10:00-10:30 – Esty Kelman (BU/MIT) on  Algebraic property testing with online adversaries. 

10:30-11:00 – Coffee Break 

11:00-11:30 – Peyman Jabbarzade (U Maryland) on Better-Than-2 Approximation for Steiner Forest

11:30-noon – Rhea Jain (UIUC) on A Polylogarithmic Approximation for Directed Steiner Forest in Planar Digraphs

Noon-1 pm – Lunch 

1:00pm-2:00pm – Local Session (Northwestern)

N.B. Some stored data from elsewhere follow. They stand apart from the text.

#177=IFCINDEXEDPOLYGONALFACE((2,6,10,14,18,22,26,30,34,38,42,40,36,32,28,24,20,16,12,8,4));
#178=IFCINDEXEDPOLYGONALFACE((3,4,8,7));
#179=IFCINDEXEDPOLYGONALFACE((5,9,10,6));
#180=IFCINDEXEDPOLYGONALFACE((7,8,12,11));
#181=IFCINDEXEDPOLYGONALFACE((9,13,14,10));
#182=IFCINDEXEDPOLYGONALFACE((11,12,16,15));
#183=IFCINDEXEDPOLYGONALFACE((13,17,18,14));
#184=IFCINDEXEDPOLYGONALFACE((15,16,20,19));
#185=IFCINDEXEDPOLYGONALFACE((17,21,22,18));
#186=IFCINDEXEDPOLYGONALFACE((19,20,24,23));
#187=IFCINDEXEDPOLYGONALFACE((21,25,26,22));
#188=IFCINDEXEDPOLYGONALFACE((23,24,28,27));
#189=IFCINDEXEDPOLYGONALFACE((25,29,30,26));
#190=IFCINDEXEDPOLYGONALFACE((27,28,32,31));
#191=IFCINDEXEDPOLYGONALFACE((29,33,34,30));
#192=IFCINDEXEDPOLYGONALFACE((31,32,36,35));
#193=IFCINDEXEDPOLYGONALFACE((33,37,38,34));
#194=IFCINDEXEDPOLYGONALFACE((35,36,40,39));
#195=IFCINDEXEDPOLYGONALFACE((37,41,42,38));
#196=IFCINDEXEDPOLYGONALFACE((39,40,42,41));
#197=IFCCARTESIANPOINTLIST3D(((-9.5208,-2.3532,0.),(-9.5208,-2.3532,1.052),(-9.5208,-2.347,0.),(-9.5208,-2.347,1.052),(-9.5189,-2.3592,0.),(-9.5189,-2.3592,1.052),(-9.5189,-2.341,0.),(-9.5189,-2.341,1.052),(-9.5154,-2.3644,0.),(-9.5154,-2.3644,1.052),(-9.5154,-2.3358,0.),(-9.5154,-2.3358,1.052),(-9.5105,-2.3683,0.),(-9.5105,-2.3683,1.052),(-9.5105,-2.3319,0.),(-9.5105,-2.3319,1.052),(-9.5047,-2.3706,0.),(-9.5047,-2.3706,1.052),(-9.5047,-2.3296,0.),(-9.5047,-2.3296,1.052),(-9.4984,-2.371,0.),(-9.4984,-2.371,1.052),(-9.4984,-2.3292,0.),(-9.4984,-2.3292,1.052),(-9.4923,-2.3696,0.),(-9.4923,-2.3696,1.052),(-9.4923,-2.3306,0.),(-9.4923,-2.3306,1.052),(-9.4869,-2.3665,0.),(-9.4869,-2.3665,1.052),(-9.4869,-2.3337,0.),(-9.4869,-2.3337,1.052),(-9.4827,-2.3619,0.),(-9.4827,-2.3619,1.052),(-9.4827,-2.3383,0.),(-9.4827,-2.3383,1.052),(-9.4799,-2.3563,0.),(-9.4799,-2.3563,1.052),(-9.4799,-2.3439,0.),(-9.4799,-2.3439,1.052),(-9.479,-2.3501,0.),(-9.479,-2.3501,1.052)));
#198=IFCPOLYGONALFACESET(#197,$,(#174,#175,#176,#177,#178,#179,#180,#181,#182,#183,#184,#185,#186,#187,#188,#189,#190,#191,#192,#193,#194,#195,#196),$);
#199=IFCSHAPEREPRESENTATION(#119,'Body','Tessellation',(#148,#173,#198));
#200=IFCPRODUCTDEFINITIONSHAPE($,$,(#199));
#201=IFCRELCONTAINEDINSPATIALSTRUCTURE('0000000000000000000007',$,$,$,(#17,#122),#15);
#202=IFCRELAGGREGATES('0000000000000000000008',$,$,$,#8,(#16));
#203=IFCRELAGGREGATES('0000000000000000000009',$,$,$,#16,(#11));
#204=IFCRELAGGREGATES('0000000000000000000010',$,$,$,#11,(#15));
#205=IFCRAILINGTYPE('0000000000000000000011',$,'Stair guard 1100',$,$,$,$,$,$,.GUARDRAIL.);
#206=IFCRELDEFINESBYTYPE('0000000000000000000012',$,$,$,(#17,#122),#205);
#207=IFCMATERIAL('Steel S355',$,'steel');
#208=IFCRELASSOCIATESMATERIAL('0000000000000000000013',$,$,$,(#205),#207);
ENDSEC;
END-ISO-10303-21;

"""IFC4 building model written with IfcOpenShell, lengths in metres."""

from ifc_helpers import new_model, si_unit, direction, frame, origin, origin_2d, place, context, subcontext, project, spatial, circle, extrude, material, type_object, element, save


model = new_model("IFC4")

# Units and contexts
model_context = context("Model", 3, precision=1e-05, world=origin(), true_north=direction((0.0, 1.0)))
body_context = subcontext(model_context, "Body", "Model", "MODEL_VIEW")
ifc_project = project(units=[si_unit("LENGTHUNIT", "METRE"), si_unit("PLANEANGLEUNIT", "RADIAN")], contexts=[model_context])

  • Vaidehi Srinivas on Online Conformal Prediction with Efficiency Guarantees
  • Chenhao Zhang on Regulation of Algorithmic Collusion from Data
  • He Jia on Moment Methods and Low-Degree Polynomials Fail to Predict Robust Subspace Recovery

2:00pm – 2:30 – Coffee Break 

2:30-3:00 – Kai Zheng (MIT) on Probabilistically Checkable Proofs and their Applications: From Theory to Practice

3:00-3:30 – Zihan Zhang (Ohio State) on Explicit Folded Reed–Solomon and Multiplicity Codes Achieve Relaxed Generalized Singleton Bounds

3:30 – 4:00pm – Yaowei Long (U Michigan) on Fault-Tolerant Distance Oracles and Labeling Schemes with Constant Approximation

Titles and Abstracts

Speaker:   Giannis Fikioris

Title: Learning in Budgeted Auctions with Spacing Objectives

Abstract: In many repeated auction settings, participants care not only about how frequently they win but also about how their winnings are distributed over time.

This problem arises in various practical domains where avoiding congested demand is crucial and spacing is important, such as advertising campaigns.

We initiate the study of repeated auctions with preferences for spacing of wins over time.

We introduce a simple model of this phenomenon, where the value of a win is given by any concave function of the time since the last win.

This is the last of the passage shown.